This term is patterned after the pattern of the marks.

“You deny it,” says the doctor. “Thus, we add to your diagnosis acute hyperrachia.

He stands, face uplifted.

He is bathed in the cold blue light of phosphorescent worms.

The pathological perception that one is well. The manifestation through symptoms and their alleviation of a false state of wellness. If a patient presents this disorder, they are confused. They affect wholesome, healthy innocence through the psychosomatic imprint of their syndrome. This is an innocence that they do not possess. Orient them: they will deceive you. Restrain them: they will fight you. Medicate them: they will conspire, much as those in the grip of senility or paranoia, to reject the medications. Yet the hyperrachic immoral are not well.”

The girl stands before him. She is fifteen years old and her eyes have the look of a wild creature’s.

“Do you understand,” the doctor asks her, “why I say you are not well?”

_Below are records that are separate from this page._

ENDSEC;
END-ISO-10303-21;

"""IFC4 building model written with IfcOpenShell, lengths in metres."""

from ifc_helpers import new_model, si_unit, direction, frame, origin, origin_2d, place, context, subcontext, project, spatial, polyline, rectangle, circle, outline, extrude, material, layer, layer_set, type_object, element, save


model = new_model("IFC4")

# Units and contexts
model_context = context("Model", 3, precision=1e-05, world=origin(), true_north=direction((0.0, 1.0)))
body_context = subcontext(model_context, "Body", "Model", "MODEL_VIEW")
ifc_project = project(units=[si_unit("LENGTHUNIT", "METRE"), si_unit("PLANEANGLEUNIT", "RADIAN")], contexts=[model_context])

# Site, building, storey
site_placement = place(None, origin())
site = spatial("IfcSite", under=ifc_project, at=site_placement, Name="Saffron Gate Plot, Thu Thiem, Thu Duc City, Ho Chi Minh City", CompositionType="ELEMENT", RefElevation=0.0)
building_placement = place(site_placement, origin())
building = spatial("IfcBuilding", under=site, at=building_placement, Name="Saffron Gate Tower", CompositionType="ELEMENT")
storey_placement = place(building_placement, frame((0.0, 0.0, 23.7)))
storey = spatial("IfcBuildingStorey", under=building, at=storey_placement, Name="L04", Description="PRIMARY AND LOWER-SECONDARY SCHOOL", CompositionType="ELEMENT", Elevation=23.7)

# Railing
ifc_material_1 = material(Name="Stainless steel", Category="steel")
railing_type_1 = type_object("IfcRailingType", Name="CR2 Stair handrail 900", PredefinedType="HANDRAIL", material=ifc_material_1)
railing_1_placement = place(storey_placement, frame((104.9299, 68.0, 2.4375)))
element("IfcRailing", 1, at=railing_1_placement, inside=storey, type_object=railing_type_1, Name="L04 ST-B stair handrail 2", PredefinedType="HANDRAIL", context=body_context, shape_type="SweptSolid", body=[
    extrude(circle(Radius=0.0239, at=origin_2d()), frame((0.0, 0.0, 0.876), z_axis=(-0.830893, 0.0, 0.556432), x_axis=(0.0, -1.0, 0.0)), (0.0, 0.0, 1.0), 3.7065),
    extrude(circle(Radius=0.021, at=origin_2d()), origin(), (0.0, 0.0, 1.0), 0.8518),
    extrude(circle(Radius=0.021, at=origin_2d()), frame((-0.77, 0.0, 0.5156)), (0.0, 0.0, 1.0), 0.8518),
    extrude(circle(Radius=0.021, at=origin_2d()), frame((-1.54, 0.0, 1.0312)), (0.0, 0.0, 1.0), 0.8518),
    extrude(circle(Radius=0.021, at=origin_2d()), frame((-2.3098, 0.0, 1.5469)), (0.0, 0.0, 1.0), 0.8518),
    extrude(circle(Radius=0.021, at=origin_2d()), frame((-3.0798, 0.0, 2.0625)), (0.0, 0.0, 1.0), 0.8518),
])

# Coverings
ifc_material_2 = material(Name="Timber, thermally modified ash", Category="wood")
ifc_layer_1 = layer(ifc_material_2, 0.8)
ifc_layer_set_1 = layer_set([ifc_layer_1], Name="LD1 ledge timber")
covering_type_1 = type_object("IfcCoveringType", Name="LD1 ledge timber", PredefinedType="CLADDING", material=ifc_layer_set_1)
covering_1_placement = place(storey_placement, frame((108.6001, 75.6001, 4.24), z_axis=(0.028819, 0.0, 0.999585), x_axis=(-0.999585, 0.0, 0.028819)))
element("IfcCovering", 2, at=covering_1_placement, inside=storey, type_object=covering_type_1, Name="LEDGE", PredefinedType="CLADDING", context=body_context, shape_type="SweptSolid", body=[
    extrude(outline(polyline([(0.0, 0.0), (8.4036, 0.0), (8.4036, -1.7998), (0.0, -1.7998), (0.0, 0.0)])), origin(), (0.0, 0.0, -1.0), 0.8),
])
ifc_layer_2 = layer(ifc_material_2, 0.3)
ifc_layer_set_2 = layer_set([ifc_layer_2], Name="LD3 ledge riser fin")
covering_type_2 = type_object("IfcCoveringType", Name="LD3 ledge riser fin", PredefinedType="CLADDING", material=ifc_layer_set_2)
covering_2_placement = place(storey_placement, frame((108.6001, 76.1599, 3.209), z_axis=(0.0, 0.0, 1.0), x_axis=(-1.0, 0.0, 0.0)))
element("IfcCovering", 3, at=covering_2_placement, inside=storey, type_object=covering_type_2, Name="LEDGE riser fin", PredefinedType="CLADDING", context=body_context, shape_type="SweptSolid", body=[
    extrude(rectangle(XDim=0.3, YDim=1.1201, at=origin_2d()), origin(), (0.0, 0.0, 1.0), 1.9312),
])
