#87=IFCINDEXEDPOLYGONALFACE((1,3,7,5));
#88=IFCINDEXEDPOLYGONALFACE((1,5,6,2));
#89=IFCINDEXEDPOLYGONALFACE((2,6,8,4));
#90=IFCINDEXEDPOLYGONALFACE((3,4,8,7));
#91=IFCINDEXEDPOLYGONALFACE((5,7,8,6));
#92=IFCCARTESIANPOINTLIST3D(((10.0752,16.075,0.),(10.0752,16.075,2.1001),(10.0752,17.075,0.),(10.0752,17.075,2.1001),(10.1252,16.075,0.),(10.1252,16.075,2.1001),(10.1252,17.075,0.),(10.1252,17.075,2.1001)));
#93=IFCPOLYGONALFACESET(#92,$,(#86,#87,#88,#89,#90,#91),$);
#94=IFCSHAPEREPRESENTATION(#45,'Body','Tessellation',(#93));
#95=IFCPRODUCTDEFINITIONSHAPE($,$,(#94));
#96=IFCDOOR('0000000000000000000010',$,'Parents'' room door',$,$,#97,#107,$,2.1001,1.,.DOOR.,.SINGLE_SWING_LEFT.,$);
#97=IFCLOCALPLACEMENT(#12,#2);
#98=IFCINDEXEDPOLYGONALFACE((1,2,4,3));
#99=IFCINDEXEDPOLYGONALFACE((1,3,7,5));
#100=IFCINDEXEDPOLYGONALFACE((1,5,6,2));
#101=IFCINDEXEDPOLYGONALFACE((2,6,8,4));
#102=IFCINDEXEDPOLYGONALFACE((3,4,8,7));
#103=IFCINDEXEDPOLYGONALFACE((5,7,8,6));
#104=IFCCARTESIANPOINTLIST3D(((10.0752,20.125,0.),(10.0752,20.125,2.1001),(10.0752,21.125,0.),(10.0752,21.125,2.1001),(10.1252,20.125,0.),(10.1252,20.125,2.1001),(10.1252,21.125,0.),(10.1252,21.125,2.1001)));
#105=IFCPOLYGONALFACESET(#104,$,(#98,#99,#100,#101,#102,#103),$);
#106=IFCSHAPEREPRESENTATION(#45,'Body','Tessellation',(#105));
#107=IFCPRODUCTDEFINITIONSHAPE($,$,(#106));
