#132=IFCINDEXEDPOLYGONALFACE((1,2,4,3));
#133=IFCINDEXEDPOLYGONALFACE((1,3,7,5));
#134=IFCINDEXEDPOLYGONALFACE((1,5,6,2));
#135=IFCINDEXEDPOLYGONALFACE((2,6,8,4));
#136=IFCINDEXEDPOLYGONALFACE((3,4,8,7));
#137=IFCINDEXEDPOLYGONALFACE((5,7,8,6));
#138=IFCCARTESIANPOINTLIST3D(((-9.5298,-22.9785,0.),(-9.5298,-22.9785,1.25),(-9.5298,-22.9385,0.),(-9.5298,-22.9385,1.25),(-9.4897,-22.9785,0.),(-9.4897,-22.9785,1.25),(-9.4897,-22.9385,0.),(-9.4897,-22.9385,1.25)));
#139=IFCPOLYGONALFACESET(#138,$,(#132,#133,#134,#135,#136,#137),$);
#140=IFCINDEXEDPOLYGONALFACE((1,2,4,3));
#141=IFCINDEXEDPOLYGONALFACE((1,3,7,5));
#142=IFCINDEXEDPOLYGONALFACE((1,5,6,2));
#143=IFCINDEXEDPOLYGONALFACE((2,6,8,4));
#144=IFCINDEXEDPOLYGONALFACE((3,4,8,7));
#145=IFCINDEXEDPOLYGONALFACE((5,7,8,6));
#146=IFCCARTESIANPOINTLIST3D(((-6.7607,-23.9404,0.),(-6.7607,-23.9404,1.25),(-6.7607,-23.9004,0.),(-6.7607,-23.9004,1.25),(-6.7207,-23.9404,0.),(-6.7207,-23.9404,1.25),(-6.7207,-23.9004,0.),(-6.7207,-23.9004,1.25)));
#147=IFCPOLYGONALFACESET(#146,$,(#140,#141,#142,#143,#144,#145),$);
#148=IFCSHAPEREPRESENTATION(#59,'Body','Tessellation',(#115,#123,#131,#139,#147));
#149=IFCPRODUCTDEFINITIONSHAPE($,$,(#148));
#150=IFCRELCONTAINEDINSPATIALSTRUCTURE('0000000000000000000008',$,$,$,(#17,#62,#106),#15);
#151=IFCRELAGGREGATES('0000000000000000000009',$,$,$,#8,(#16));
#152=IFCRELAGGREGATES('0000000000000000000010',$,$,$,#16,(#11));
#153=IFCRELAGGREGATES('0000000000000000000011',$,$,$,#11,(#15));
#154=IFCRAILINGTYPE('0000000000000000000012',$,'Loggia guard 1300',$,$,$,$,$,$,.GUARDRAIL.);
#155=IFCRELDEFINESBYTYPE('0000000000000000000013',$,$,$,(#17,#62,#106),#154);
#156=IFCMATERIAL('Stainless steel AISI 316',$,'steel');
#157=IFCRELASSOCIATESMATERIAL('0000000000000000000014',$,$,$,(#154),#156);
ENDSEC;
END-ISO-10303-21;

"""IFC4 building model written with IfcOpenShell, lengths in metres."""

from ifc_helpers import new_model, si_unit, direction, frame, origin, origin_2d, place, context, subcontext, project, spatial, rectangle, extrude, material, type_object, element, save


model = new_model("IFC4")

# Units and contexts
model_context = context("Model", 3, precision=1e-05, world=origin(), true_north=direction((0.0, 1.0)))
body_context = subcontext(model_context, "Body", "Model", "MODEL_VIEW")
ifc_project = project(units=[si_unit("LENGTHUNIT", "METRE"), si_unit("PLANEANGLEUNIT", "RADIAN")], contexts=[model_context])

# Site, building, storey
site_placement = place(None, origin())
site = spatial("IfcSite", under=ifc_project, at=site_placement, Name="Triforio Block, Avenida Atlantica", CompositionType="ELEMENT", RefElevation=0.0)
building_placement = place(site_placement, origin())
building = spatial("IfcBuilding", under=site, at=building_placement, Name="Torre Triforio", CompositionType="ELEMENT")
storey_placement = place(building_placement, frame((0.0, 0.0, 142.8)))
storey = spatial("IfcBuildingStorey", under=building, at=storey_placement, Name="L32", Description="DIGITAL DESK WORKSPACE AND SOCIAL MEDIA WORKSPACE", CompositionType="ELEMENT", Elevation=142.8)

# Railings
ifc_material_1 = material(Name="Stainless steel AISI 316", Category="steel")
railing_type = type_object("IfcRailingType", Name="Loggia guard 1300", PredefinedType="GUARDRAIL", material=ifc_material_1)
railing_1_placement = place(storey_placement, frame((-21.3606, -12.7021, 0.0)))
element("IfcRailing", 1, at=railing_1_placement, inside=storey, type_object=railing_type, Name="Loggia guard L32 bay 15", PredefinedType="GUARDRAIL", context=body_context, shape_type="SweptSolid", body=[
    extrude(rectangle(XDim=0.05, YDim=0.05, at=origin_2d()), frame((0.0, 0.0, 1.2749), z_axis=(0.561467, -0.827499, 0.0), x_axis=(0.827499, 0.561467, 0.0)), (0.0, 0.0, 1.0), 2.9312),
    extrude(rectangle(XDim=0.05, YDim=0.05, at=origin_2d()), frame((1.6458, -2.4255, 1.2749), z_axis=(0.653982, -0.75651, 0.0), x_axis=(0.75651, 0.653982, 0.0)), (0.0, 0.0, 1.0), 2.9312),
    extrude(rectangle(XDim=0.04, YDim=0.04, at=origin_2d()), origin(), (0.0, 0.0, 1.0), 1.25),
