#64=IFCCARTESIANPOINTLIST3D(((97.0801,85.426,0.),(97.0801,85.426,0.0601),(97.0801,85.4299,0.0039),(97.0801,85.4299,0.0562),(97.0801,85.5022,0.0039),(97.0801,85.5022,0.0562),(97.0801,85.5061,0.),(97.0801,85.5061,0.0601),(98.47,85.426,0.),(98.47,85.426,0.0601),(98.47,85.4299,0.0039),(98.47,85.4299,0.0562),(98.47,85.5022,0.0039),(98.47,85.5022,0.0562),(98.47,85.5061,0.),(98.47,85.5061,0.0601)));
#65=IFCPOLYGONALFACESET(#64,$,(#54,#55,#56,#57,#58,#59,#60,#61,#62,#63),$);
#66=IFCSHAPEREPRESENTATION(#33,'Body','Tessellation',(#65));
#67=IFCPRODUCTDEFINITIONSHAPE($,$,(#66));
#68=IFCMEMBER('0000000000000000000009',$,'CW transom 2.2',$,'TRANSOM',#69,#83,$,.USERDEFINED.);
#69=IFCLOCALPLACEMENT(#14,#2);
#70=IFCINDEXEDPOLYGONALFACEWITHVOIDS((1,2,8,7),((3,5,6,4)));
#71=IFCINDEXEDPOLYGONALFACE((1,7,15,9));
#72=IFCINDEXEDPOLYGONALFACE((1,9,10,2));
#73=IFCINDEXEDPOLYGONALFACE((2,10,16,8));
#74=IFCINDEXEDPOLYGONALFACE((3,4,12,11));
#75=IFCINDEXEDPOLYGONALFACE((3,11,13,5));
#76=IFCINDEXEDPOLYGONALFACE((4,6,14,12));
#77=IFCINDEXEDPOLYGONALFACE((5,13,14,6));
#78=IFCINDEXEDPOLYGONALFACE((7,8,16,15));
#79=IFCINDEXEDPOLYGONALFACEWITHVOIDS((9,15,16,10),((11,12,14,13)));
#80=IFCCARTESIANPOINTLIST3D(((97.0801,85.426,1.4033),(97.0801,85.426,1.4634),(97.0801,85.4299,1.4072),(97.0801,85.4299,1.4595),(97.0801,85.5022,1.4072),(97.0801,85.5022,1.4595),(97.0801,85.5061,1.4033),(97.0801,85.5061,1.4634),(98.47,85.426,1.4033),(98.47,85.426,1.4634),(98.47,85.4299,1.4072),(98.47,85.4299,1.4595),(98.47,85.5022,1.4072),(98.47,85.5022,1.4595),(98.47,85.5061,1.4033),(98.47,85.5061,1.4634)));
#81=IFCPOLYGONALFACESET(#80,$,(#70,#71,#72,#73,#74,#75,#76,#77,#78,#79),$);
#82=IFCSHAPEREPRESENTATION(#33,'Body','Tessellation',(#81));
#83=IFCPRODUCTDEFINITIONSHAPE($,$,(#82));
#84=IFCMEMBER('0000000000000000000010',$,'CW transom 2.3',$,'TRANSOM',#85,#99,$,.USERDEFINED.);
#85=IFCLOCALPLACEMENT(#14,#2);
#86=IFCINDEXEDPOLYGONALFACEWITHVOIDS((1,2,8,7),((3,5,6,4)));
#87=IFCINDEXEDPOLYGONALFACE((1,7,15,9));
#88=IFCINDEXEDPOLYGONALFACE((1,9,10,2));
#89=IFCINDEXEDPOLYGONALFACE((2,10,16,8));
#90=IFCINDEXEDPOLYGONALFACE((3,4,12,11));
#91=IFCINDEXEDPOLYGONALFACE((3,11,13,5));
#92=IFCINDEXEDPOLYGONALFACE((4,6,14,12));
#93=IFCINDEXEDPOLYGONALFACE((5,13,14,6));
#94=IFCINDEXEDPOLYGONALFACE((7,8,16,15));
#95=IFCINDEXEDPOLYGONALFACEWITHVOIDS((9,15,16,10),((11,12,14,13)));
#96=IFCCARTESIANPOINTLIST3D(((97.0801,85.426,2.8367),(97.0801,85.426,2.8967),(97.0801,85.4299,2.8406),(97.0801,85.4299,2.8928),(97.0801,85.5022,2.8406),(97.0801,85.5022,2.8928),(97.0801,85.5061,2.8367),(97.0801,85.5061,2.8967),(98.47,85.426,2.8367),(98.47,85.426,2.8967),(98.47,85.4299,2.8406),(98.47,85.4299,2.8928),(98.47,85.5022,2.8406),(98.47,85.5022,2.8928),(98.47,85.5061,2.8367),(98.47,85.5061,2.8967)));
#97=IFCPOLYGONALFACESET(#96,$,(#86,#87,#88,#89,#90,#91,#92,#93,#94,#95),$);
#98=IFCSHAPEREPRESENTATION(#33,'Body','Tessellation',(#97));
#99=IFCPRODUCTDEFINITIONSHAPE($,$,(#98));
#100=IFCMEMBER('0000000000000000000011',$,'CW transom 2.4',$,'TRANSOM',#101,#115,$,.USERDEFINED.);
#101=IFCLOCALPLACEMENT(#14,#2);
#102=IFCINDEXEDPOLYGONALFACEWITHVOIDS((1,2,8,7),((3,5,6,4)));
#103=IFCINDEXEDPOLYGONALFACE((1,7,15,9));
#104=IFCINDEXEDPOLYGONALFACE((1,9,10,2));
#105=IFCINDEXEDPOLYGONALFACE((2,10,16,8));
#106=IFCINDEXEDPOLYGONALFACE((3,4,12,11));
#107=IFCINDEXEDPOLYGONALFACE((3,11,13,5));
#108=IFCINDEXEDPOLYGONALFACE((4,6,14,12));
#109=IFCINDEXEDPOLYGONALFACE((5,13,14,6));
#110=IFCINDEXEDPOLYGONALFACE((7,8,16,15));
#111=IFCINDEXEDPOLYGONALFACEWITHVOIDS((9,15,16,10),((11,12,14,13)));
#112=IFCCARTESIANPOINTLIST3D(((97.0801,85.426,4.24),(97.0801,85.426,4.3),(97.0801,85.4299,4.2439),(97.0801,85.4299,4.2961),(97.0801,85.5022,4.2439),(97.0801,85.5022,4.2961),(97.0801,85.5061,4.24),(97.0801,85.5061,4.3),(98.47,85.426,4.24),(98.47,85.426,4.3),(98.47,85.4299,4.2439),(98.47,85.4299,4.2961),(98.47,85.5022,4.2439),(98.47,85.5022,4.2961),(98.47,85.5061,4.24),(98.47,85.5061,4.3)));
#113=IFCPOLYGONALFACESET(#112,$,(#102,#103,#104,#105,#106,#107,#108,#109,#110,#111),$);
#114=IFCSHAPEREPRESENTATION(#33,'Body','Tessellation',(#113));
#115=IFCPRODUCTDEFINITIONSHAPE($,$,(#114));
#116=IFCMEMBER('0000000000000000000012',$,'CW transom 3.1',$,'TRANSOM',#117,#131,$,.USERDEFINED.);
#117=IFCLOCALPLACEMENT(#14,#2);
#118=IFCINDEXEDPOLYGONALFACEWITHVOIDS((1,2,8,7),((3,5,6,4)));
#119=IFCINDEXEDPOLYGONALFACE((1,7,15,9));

“‘Cause I get wogly burps,” says the girl.

He looks at her.

His expression suggests the word: Eh?

So the girl works her diaphragm for a moment. Then she burps. It’s one of those deliberate burps that you only do when you’re alone or on a doctor’s ziggurat or you want to be rude. She chews for a minute, then she spits out a wogly.

“Like that.”

He doesn’t know whether to write this up for the journals or to bleed her for defiance. He’s totally nonplussed. That’s how unexpected a wogly burp can be!

June, Wednesday 2, 2004 – Cronos: “Save for Cronos, and the woglies, and the siggorts, I suppose.”

That’s … it cuts in there.

Something for everyone, said Rhea, something, something, something, save for Cronos, and the woglies, and the siggorts, she supposed.

He lay with her that night, Cronos with Rhea, and in the course of seasons she bore him a daughter.

This was earlier than the last history. Maybe about 12 pesserids before the end of the Second Kingdom. She lay with him and she bore him a daughter. And most fathers would have been happy, because, you know, perfect adorable daughter, but Cronos wasn’t one of that kind.

“I will make this world into a torture chamber,” Cronos said.

“Gii-whii!” answered Hestia, as he held her in his arms.

She wriggled her toes and hiccupped and guarded with her power the hearths and houses of the world.

“Listen,” Cronos said.

He looked up at the stars.

“This world is bound to forms,” he said. “To concepts. To the ideal. But I have made the work of my life the severing of that bond.”

Hestia’s face grew very still and intent.

“I had forgotten it,” he said. “But still, it is my work. And there is only one way that it may be done: I must make the forms abhorrent to themselves. I must make the edifice of right and wrong and tradition and form and even structured thought a crime.”

The world revolved around him, as it does, when one sits upon the throne of all the world.

Rhea’s face grew very pale.

“Cronos—” she said.

The teeth of Cronos set on his daughter’s arm. He bit it off. He chewed. He swallowed.

Hestia wailed, thinly. Her blood fell upon the earth.

“Shh,” Cronos said.

He put his finger to her lips. He looked at Rhea.

“The Kingdom I have builded gives way to Tyranny,” Cronos said, “and there is no answer to it within the structures of the world.”

The Kingdom I have builded gives way to Tyranny.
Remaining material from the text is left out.